Coding style

Ownership Classes Functions Loops Initialization

Ownership

When parameters are passed to functions, especially constructors, use one of the following cases to indicate ownership:

• When a function takes a copy, use T && for types that are expensive to copy. This forces callers to pass an rvalue reference and make it explicit if they need to provide a copy, e.g.

  void f(std::string &&);
  void g() { std::string test{"hello"}; f(std::string(test)); }

  In cases copies are not expensive, use T.
• When a function only reads its parameter, use T const &.
• When a function takes ownership of a class that cannot be copied, use fcppt::unique_ptr<T> &&.
• When a function keeps a reference, use fcppt::reference<T>. In this case, it makes it clear to the caller that he has to keep the object alive.
• When a function needs shared ownership, use fcppt::shared_ptr<T>. This case should be considered last.
• Avoid regular pointers, especially nullptr.

Classes

Following are various points on how to design the interface of a class:

• Avoid default constructors! Default constructors are usually a sign of bad design, e.g. some code wants to assign to an object but does not need its value. Instead of using a default constructor, simply pass the desired values, e.g. int i{0}; instead of int i{};. If you do not have a value for the object yet, do not create it in the first place!

  There are several types which replace standard types with the explicit intend not to be default-constructible, e.g. fcppt::function, fcppt::unique_ptr, fcppt::shared_ptr and fcppt::variant::object.

• Give every class a (non default) constructor. This ties in with Ownership. Another point is that the initialization syntax for structs and classes allows for partial initialization, e.g.

  struct S { int i; int j; }; S x{42};

  However, most compilers issue a warning for this.
• Make classes explicitly noncopyable using FCPPT_NONCOPYABLE in case their copy constructors / assignment operators that are generated by default should not be used, or in case they can not be generated because a member is not copyable. If a class should be movable but not copyable, explicitly provide a move constructor and move assignment operator. Most of the time, the implementation obtained by using = default can be used.
• Do not use regular references as members. They make a class non assignable. Instead, use fcppt::reference.

Functions

Following are various points about functions:

• Make functions total! In case they can return nothing, use fcppt::optional::object. In case they can return an error, use fcppt::either::object.
• Avoid cases where certain combinations of parameters are invalid. These cases can usually be avoided by using fcppt::optional::object, fcppt::variant::object, and so on. If it is very difficult to avoid this, it is best to throw an exception.
• Do not use default parameters and do not use function overloading. It is better to provide a function with a different name or to change the typing of parameters, e.g. by using fcppt::optional::object.
• Avoid functions that get multiple parameters of the same type. Use fcppt::strong_typedef to disambiguate which parameter is used for which purpose. For example, instead of void f(std::string const &name, std::string const &email); use

  FCPPT_DECLARE_STRONG_TYPEDEF(std::string, name);
  FCPPT_DECLARE_STRONG_TYPEDEF(std::string, email);
  void f(name const &, email const &);

  In some cases, merging multiple parameters into one can also help, e.g. instead of void f(int x, int y);, use void f(fcppt::math::vector::static_<int,2>);.
• Do not use return parameters! In case you need to return multiple objects, create a struct or class that encapsulates this.

Loops

Avoid explicit loops if possible. There are many cases in which an algorithm can be used instead. For example, instead of

  int result{0};
  for (int i{1}; i < n; ++i)
  {
    result += i;
  }

you can use fcppt::algorithm::fold

  fcppt::algorithm::fold(
      fcppt::make_int_range(1, n), 0, [](int i, int result) { return i + result; })

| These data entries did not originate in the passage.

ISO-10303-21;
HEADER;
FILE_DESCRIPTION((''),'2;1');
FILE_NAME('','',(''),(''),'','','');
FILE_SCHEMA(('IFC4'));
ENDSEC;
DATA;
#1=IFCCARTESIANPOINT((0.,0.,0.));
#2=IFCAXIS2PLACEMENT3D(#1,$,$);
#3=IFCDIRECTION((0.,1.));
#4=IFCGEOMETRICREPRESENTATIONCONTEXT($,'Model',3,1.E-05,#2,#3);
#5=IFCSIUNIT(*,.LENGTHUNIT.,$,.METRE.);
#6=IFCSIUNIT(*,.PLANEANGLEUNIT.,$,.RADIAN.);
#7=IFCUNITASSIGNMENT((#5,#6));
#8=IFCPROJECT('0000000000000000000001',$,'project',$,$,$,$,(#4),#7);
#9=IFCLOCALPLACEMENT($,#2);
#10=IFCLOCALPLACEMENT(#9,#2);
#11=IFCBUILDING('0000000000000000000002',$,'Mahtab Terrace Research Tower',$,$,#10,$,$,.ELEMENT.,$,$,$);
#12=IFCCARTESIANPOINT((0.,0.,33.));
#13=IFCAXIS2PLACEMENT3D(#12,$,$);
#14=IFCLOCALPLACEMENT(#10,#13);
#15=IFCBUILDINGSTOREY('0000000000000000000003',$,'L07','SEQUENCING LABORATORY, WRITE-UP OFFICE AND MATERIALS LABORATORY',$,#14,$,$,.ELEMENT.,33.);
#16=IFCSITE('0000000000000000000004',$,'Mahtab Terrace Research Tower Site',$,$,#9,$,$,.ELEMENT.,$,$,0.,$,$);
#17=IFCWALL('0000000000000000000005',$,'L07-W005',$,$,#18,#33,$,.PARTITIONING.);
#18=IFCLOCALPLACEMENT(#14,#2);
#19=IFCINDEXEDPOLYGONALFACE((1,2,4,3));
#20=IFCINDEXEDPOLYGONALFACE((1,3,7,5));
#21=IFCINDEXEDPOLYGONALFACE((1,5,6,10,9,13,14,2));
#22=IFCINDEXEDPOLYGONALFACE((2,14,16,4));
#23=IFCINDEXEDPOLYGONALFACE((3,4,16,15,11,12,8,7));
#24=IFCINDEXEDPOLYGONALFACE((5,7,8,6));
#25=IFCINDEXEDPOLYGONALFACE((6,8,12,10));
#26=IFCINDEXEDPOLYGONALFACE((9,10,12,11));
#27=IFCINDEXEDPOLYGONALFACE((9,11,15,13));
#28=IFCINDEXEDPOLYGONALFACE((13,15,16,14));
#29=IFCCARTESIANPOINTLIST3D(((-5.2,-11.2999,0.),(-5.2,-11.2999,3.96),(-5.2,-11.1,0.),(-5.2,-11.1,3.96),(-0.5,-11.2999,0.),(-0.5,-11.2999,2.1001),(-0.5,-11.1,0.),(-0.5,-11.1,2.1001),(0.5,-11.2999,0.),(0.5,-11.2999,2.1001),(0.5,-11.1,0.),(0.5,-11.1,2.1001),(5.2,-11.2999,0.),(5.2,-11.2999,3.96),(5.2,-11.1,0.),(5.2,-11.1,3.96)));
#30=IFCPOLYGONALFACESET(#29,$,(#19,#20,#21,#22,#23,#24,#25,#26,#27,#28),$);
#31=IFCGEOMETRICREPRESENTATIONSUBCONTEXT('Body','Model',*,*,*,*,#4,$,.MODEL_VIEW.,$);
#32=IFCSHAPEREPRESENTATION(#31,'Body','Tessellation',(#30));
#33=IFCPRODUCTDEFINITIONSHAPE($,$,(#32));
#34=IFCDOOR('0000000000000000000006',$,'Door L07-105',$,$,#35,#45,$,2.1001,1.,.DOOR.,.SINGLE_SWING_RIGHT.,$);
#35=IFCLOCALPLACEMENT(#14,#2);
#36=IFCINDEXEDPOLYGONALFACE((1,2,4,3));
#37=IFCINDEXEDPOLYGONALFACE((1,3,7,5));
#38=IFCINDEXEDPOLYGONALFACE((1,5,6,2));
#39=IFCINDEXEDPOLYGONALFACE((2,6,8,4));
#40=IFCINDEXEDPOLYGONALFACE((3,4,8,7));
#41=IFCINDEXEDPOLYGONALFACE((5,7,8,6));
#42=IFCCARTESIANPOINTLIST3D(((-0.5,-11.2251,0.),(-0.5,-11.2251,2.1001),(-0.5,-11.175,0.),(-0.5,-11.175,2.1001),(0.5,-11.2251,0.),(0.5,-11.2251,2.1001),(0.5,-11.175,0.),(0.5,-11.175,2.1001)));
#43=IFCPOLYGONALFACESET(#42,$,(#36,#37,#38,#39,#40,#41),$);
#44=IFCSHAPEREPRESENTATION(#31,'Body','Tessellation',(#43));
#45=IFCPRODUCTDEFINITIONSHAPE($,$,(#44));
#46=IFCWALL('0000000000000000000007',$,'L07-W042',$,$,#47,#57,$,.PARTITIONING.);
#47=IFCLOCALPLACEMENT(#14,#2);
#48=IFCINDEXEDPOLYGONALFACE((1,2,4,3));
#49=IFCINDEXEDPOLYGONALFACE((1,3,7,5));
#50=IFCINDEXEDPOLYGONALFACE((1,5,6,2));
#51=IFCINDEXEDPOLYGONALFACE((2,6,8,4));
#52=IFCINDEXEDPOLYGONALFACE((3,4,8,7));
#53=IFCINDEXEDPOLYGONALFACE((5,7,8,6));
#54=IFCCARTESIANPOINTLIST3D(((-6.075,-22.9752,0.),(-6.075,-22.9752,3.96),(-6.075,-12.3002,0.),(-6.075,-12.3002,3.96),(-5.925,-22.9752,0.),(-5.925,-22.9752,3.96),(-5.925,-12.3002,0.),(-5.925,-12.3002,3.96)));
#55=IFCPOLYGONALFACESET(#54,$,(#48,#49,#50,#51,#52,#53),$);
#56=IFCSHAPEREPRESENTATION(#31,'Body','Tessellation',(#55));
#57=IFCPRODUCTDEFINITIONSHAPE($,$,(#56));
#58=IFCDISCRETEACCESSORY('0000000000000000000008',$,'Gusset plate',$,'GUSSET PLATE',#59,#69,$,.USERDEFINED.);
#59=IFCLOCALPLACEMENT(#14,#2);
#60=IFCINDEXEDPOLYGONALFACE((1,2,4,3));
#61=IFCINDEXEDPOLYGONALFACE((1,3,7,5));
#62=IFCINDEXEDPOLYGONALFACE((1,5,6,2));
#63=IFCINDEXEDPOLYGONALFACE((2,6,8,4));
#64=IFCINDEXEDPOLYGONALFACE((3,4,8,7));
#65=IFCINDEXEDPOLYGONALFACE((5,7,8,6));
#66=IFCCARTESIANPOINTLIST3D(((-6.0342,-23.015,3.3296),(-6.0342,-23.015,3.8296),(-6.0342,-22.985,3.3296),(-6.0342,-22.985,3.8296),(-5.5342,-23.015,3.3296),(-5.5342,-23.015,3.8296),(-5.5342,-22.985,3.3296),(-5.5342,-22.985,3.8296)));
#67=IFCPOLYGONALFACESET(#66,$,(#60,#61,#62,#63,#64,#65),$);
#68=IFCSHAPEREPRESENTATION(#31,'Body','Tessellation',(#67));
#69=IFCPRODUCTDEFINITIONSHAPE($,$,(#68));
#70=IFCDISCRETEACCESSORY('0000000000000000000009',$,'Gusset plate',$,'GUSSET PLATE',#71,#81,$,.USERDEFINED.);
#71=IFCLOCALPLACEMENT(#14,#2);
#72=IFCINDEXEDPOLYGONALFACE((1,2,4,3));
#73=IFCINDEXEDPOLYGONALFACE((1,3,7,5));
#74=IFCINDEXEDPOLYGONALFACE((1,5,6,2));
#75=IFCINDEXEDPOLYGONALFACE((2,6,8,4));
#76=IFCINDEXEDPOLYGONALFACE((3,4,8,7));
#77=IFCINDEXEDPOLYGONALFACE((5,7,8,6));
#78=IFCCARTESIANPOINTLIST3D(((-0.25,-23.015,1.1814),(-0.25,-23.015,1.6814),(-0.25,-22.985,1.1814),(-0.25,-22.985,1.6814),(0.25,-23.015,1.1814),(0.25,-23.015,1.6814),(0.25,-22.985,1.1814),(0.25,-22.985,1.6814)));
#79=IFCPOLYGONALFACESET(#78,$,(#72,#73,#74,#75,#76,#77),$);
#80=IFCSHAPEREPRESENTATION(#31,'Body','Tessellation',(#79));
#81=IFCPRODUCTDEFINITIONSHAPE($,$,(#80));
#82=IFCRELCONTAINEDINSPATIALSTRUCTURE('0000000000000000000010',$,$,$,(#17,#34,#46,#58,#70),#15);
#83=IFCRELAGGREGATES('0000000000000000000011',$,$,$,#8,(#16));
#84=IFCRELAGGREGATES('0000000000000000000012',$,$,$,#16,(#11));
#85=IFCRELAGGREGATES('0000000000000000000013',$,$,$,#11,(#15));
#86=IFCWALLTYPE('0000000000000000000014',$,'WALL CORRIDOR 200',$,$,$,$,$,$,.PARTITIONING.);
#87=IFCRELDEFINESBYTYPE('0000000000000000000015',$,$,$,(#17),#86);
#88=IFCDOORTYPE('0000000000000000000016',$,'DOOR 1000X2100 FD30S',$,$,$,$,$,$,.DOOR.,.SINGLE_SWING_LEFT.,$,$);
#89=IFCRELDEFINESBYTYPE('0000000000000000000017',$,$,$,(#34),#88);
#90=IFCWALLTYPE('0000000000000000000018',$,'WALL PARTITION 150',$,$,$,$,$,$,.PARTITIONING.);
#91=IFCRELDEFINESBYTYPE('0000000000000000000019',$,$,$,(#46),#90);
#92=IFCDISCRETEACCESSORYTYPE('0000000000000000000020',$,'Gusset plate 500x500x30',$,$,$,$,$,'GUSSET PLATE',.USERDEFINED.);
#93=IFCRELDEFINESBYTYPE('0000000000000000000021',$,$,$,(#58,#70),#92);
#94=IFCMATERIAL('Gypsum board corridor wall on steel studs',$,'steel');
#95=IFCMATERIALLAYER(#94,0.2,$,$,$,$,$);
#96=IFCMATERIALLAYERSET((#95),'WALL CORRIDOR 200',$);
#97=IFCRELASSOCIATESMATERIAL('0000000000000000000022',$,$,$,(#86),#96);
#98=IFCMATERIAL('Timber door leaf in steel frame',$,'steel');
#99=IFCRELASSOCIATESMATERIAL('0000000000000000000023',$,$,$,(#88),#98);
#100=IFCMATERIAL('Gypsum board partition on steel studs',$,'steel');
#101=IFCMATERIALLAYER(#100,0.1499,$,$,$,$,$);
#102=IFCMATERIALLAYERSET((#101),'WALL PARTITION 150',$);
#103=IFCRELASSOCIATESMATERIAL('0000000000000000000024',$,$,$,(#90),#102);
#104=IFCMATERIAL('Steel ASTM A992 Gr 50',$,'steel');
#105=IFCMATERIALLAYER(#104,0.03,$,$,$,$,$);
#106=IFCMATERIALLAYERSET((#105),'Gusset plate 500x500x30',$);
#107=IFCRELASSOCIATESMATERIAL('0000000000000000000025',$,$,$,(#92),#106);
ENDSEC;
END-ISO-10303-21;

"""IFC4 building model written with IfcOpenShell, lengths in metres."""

from ifc_helpers import new_model, si_unit, direction, frame, frame_2d, origin, origin_2d, place, context, subcontext, project, spatial, rectangle, extrude, material, layer, layer_set, type_object, element, fill, save


model = new_model("IFC4")

# Units and contexts
model_context = context("Model", 3, precision=1e-05, world=origin(), true_north=direction((0.0, 1.0)))
body_context = subcontext(model_context, "Body", "Model", "MODEL_VIEW")
ifc_project = project(units=[si_unit("LENGTHUNIT", "METRE"), si_unit("PLANEANGLEUNIT", "RADIAN")], contexts=[model_context])

# Site, building, storey
site_placement = place(None, origin())
site = spatial("IfcSite", under=ifc_project, at=site_placement, Name="Mahtab Terrace Research Tower Site", CompositionType="ELEMENT", RefElevation=0.0)
building_placement = place(site_placement, origin())
building = spatial("IfcBuilding", under=site, at=building_placement, Name="Mahtab Terrace Research Tower", CompositionType="ELEMENT")
storey_placement = place(building_placement, frame((0.0, 0.0, 33.0)))
storey = spatial("IfcBuildingStorey", under=building, at=storey_placement, Name="L07", Description="SEQUENCING LABORATORY, WRITE-UP OFFICE AND MATERIALS LABORATORY", CompositionType="ELEMENT", Elevation=33.0)

# Shared definitions
ifc_material_1 = material(Name="Steel ASTM A992 Gr 50", Category="steel")

# Wall, opening, door
ifc_material_2 = material(Name="Gypsum board corridor wall on steel studs", Category="steel")
ifc_layer_1 = layer(ifc_material_2, 0.2)
ifc_layer_set_1 = layer_set([ifc_layer_1], Name="WALL CORRIDOR 200")
wall_type_1 = type_object("IfcWallType", Name="WALL CORRIDOR 200", PredefinedType="PARTITIONING", material=ifc_layer_set_1)
wall_1_placement = place(storey_placement, frame((-5.2, -11.2, 0.0), z_axis=(0.0, 0.0, 1.0), x_axis=(1.0, 0.0, 0.0)))
wall_1 = element("IfcWall", 1, at=wall_1_placement, inside=storey, type_object=wall_type_1, Name="L07-W005", PredefinedType="PARTITIONING", context=body_context, shape_type="SweptSolid", body=[
    extrude(rectangle(XDim=10.3999, YDim=0.2, at=frame_2d((5.2, 0.0))), origin(), (0.0, 0.0, 1.0), 3.96),
])
opening_placement = place(wall_1_placement, frame((4.7, 0.0, 0.0)))
opening = element("IfcOpeningElement", 2, at=opening_placement, cuts=wall_1, PredefinedType="OPENING", context=body_context, shape_type="SweptSolid", body=[
    extrude(rectangle(XDim=1.0, YDim=2.1001, at=frame_2d((0.5, 1.05))), frame((0.0, 0.1099, 0.0), z_axis=(0.0, -1.0, 0.0), x_axis=(1.0, 0.0, 0.0)), (0.0, 0.0, 1.0), 0.22),
])
ifc_material_3 = material(Name="Timber door leaf in steel frame", Category="steel")
door_type = type_object("IfcDoorType", Name="DOOR 1000X2100 FD30S", OperationType="SINGLE_SWING_LEFT", PredefinedType="DOOR", material=ifc_material_3)
door_placement = place(opening_placement, origin())
door = element("IfcDoor", 3, at=door_placement, inside=storey, type_object=door_type, Name="Door L07-105", OperationType="SINGLE_SWING_RIGHT", OverallHeight=2.1001, OverallWidth=1.0, PredefinedType="DOOR", context=body_context, shape_type="SweptSolid", body=[
    extrude(rectangle(XDim=1.0, YDim=2.1001, at=frame_2d((0.5, 1.05))), frame((0.0, 0.0249, 0.0), z_axis=(0.0, -1.0, 0.0), x_axis=(1.0, 0.0, 0.0)), (0.0, 0.0, 1.0), 0.05),
])
fill(opening, door)

# Wall
ifc_material_4 = material(Name="Gypsum board partition on steel studs", Category="steel")
ifc_layer_2 = layer(ifc_material_4, 0.1499)
ifc_layer_set_2 = layer_set([ifc_layer_2], Name="WALL PARTITION 150")
wall_type_2 = type_object("IfcWallType", Name="WALL PARTITION 150", PredefinedType="PARTITIONING", material=ifc_layer_set_2)
wall_2_placement = place(storey_placement, frame((-6.0, -22.9751, 0.0), z_axis=(0.0, 0.0, 1.0), x_axis=(0.0, 1.0, 0.0)))
element("IfcWall", 4, at=wall_2_placement, inside=storey, type_object=wall_type_2, Name="L07-W042", PredefinedType="PARTITIONING", context=body_context, shape_type="SweptSolid", body=[
    extrude(rectangle(XDim=10.675, YDim=0.1499, at=frame_2d((5.3374, 0.0))), origin(), (0.0, 0.0, 1.0), 3.96),
])

# Discrete accessories
ifc_layer_3 = layer(ifc_material_1, 0.03)
ifc_layer_set_3 = layer_set([ifc_layer_3], Name="Gusset plate 500x500x30")
discrete_accessory_type = type_object("IfcDiscreteAccessoryType", Name="Gusset plate 500x500x30", ElementType="GUSSET PLATE", PredefinedType="USERDEFINED", material=ifc_layer_set_3)
for number, where, z_axis, x_axis, name in (
    (5, (-5.7842, -23.0, 3.3296), (0.0, 0.0, 1.0), (1.0, 0.0, 0.0), "Gusset plate"),
    (6, (0.0, -23.0, 1.1814), (0.0, 0.0, 1.0), (1.0, 0.0, 0.0), "Gusset plate"),
):
    element("IfcDiscreteAccessory", number, at=place(storey_placement, frame(where, z_axis=z_axis, x_axis=x_axis)), inside=storey, type_object=discrete_accessory_type, Name=name, ObjectType="GUSSET PLATE", PredefinedType="USERDEFINED", context=body_context, shape_type="SweptSolid", body=[
        extrude(rectangle(XDim=0.5, YDim=0.03, at=origin_2d()), origin(), (0.0, 0.0, 1.0), 0.5),
    ])

save(model, "model.ifc")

Algorithms can only be used with ranges, not with iterators. In case you need to encapsulate iterators, use fcppt::iterator::range. There are also special ranges like fcppt::int_range or fcppt::enum_::range. Some algorithms also accept an fcppt::mpl::list::object as a range in case you need to iterate over types.

Initialization

Initialize all objects and make them const if possible, especially do not use default constructors.

Provide functions for cases in which initialization can not be expressed directly. Consider a function that initializes an array of arbitrary size:

template <typename T, std::size_t N>
fcppt::array::object<T, N> make_array();

Say you have a function T from_index(std::size_t) that creates an array element given an index. You can then initialize the array using

  return fcppt::array::init<fcppt::array::object<T, N>>(
      [](std::size_t i) { return from_index<T>(i); });

In case you really need uninitialized objects, create a constructor that takes fcppt::no_init.